You can bypass the certificate check, but any data you send to the server could be intercepted by others.
Use insecure connections? (y/n): y

Authentication required for https://localhost:8443 (openshift)
Username: admin
Password:
Login successful.

You have access to the following projects and can switch between them with 'oc project <projectname>':

  * default (current)
  * openshift
  * openshift-infra
  * scdf-apps
  * user-secrets-source-admin

Using project "default".
Welcome! See 'oc help' to get started.

[vagrant@vagrant vagrant]$ oc project scdf-apps
Now using project "scdf-apps" on server "https://localhost:8443".
[vagrant@vagrant vagrant]$ oc create -f /vagrant/kafka-controller.yml
replicationcontroller "kafka" created
[vagrant@vagrant vagrant]$ oc create -f /vagrant/kafka-service.yml
service "kafka" created
service "zk" created

It might take moment to pull the Kafka image but eventually you should have a Kafka pod and services running bright blue (why not choose green? ;))

Deploying a simple stream

Infrastructure in place, let’s deploy some streams. The last projects to clone are the OpenShift deployer SPI implementation and the OpenShift Data Flow server.

$ git clone https://github.com/donovanmuller/spring-cloud-deployer-openshift.git && \
  cd spring-cloud-deployer && \
  ./mvnw install

$ git clone https://github.com/donovanmuller/spring-cloud-dataflow-server-openshift.git && \
  cd spring-cloud-deployer && \
  ./mvnw package

Once the spring-cloud-dataflow-server-openshift project is successfully built. It’s time to fire up our Data Flow server:

$ cd spring-cloud-dataflow-server-openshift/target
$ java -Dopenshift.url=https://172.28.128.4:8443 \
  -Dkubernetes.master=https://172.28.128.4:8443 \
  -Dkubernetes.trust.certificates=true \
  -Dkubernetes.auth.basic.username=admin \
  -Dkubernetes.auth.basic.password=admin \
  -jar spring-cloud-dataflow-server-openshift-1.0.0.BUILD-SNAPSHOT.jar \
  --spring.cloud.deployer.kubernetes.namespace=scdf-apps \
  --maven.resolvePom=true \
  --maven.remote-repositories.spring.url=http://repo.spring.io/snapshots

if all goes well you should see the OpenShift Data Flow server started up successfully:

... INFO 24706 --- [           main] s.b.c.e.t.TomcatEmbeddedServletContainer : Tomcat started on port(s): 9393 (http)
... INFO 24706 --- [           main] o.s.c.d.s.k.OpenShiftDataFlowServer      : Started OpenShiftDataFlowServer in 10.004 seconds (JVM running for 10.512)

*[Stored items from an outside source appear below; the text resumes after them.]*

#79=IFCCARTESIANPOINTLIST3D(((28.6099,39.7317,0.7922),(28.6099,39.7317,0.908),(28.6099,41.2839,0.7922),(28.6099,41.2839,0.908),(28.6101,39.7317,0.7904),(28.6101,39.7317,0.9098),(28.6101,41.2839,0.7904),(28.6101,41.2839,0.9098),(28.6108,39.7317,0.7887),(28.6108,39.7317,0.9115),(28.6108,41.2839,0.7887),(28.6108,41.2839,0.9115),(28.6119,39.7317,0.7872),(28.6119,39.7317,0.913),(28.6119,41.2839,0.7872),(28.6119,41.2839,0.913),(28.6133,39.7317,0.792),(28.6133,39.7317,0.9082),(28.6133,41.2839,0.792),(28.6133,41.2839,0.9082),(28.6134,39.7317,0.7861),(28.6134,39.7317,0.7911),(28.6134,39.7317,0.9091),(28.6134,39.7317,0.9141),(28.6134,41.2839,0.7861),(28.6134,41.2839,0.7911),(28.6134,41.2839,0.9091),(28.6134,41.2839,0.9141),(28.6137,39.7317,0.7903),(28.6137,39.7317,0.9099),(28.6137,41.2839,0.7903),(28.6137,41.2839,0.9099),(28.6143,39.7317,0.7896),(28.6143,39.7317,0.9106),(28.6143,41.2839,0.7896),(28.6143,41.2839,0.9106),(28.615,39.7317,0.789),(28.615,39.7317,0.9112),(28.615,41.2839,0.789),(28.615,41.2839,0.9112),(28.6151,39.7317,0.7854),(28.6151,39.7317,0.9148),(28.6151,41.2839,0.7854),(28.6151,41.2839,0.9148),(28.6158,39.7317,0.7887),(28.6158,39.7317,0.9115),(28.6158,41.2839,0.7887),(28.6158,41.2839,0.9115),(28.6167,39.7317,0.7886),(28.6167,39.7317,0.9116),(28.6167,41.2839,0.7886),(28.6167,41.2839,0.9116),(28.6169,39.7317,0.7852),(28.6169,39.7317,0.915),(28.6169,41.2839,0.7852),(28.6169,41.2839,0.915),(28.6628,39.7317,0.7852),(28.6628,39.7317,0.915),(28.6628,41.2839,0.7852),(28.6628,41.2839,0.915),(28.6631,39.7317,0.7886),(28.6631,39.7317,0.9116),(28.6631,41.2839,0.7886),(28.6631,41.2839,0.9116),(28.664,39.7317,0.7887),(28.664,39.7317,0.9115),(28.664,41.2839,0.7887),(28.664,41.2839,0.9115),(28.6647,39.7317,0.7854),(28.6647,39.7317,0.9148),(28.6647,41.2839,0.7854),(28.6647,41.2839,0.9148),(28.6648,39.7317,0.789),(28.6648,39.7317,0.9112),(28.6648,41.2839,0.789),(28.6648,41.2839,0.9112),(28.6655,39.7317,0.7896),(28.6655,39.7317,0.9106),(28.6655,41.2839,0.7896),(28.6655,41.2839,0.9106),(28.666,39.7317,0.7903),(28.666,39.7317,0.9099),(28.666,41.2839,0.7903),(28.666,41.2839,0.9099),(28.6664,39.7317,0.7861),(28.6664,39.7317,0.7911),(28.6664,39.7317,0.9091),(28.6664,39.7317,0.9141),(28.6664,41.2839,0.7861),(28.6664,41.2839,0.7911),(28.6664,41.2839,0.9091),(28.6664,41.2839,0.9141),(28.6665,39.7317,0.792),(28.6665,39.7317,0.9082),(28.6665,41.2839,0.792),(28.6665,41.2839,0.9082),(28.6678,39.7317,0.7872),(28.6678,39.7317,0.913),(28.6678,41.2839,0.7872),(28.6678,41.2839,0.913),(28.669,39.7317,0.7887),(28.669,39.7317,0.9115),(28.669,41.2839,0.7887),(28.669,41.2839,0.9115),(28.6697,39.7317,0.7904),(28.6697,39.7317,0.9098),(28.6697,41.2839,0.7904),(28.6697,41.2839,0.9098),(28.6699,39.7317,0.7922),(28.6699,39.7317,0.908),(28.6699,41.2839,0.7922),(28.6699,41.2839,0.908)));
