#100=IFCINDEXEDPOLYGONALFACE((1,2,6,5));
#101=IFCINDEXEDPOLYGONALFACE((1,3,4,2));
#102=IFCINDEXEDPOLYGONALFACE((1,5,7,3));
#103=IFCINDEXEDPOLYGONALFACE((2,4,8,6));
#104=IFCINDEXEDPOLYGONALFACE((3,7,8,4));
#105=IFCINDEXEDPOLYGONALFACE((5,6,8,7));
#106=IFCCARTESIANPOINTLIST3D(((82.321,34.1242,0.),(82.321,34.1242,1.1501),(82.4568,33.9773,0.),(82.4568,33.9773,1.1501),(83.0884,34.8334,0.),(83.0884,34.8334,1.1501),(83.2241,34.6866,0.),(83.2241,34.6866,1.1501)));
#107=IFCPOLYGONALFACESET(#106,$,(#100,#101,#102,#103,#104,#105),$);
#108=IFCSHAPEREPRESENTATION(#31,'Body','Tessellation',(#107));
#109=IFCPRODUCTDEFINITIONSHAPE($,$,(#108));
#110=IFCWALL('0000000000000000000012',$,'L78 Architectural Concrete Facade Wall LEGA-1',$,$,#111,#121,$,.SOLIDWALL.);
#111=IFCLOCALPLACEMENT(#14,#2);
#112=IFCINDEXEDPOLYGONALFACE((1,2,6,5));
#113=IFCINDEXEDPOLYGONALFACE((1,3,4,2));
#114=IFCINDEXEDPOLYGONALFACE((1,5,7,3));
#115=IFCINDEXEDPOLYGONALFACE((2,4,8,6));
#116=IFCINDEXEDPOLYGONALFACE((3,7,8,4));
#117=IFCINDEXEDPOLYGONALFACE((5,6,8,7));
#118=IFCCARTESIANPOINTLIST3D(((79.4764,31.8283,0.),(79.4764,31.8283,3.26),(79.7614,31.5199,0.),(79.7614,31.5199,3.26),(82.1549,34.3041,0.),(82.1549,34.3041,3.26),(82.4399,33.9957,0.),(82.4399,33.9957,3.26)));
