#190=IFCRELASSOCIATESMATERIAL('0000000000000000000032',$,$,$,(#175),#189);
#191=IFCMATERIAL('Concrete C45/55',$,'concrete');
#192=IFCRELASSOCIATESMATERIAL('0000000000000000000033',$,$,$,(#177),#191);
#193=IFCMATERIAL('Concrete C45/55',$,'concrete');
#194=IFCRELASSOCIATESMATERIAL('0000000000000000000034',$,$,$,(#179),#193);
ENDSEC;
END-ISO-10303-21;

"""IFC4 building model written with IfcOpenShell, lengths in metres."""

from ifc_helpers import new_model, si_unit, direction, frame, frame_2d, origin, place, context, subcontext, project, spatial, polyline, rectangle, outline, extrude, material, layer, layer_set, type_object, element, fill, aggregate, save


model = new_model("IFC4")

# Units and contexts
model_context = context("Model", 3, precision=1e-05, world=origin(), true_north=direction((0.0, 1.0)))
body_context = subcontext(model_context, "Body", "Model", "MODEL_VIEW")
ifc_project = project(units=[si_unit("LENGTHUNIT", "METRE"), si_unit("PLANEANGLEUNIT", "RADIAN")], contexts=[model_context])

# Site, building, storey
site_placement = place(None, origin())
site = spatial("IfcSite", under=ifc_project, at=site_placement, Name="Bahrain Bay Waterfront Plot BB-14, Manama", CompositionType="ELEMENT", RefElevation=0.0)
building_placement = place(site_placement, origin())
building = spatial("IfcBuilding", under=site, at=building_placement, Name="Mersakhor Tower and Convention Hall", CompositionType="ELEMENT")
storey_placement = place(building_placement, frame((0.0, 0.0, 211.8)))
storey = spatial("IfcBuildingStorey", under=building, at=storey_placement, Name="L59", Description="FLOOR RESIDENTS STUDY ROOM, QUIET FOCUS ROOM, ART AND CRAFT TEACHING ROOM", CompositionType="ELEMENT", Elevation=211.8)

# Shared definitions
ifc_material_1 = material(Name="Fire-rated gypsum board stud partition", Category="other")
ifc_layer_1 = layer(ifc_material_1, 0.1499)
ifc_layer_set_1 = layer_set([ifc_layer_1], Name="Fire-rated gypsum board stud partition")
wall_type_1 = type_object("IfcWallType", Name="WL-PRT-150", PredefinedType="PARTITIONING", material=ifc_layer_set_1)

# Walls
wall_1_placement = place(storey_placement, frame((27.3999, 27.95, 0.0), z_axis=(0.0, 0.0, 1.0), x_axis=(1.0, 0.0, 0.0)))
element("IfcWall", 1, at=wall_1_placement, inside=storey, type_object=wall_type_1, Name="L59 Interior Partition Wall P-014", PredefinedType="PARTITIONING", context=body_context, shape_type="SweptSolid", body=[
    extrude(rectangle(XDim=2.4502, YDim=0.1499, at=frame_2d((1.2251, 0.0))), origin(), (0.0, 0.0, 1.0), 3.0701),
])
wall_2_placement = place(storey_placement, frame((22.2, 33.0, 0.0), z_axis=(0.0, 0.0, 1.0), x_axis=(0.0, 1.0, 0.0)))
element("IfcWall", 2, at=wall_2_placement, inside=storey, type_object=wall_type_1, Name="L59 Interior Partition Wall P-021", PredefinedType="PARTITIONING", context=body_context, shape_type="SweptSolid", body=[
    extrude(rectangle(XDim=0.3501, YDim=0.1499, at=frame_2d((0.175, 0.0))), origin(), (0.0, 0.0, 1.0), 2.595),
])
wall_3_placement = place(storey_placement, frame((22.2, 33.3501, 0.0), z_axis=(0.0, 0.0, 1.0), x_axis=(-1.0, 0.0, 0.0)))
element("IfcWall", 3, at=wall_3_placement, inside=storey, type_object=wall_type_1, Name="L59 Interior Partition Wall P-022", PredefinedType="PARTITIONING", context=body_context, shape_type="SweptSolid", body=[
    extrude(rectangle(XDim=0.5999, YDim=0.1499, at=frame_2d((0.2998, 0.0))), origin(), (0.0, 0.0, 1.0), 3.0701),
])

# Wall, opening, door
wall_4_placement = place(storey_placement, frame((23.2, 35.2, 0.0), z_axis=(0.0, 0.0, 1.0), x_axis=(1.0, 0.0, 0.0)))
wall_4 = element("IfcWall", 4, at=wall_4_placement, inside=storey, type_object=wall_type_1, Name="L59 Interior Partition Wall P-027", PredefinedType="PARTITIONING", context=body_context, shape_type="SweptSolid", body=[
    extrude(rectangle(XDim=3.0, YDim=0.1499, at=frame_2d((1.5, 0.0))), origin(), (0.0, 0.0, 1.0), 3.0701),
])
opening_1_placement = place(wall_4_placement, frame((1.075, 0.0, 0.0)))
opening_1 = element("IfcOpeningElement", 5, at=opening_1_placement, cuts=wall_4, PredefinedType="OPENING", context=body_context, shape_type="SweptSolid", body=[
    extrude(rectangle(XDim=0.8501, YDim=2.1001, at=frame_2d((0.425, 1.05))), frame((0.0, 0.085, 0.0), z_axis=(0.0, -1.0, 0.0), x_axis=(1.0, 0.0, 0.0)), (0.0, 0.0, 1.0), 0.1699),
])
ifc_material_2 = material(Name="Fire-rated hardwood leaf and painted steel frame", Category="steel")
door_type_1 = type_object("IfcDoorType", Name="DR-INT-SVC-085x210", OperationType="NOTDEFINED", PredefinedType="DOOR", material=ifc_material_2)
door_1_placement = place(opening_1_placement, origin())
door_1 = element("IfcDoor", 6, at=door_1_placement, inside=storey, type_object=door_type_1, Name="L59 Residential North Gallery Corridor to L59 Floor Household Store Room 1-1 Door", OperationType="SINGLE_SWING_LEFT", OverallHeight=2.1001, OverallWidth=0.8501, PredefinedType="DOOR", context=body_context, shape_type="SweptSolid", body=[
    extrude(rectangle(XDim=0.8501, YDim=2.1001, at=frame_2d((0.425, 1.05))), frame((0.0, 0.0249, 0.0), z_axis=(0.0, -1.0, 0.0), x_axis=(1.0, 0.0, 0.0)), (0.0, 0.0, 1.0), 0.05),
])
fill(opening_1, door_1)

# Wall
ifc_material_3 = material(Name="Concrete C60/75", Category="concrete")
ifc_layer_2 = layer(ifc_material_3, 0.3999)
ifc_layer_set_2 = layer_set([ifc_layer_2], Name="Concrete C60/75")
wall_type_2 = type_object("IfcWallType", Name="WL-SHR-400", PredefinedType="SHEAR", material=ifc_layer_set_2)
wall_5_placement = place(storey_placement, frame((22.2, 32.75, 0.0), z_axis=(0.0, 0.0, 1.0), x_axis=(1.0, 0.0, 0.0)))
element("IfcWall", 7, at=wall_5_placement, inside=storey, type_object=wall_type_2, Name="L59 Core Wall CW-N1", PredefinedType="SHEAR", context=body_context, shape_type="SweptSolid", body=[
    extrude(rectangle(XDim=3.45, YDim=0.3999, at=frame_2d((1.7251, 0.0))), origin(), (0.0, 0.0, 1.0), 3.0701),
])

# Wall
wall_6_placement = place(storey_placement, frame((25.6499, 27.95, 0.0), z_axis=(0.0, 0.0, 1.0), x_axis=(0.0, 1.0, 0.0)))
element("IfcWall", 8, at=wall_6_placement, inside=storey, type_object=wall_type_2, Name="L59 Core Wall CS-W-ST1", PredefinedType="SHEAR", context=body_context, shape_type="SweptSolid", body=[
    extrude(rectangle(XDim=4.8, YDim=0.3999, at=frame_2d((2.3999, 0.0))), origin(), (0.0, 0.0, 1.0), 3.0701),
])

Next, we’ll use the Data Flow shell to add our stream definition and issue the deploy command. Download the shell:

$ wget http://repo.spring.io/snapshot/org/springframework/cloud/spring-cloud-dataflow-shell/1.0.0.BUILD-SNAPSHOT/spring-cloud-dataflow-shell-1.0.0.BUILD-SNAPSHOT.jar

and run it:

$ java -jar spring-cloud-dataflow-shell-1.0.0.BUILD-SNAPSHOT.jar

you should see some ascii art and the Data Flow shell prompt. Note that the shell will connect to a Data Flow server on the default endpoint of http://localhost:9393:

Registering

Before we can define our stream, we need to tell the Data Flow server what apps it has available. This is done with the app register command. Go ahead and register the Http and Log apps with the commands below:

dataflow:>app register --name http --type source --uri maven://org.springframework.cloud.stream.app:http-source-kafka:1.0.0.BUILD-SNAPSHOT
Successfully registered application 'source:http'

dataflow:>app register --name log --type sink --uri maven://org.springframework.cloud.stream.app:log-sink-kafka:1.0.0.BUILD-SNAPSHOT
Successfully registered application 'sink:log'

Note that we register the apps with a URI starting with maven://. Usually when using the Kubernetes deployer you would only be able to use the docker: URI when registering apps but because of the Build/BuildConfig objects in OpenShift, we can support handling maven:// URI’s. The Maven artifacts referenced by the maven:// URI will be included in an image build by OpenShift and the resulting image is deployed to OpenShift (as if it were a docker: URI registered app)

A stream, defined

Finally we can compose our Http and Log apps into a stream:

dataflow:>stream create --name http-log --definition "http --server.port=9000 | log"
Created new stream 'http-log'

Quite straightforward, give our stream a name (--name http-log) and then the actual pipe delimited definition (--definition "http --server.port=9000 | log").

How this reads is:

Create a new stream with http-log as the name to reference it with later. This stream is defined as having a http source app, listening on port 9000 (overriding the default port of 8080, as you would in any Spring Boot app) which, upon receiving a HTTP POST, will send the request body to it’s Spring Cloud Stream defined binding output. The output of the http app will then be “piped” (really it’s just a automatic mapping of the output/input binder destinations by the Data Flow Server) into the input of the log app, which will log the content of the input message.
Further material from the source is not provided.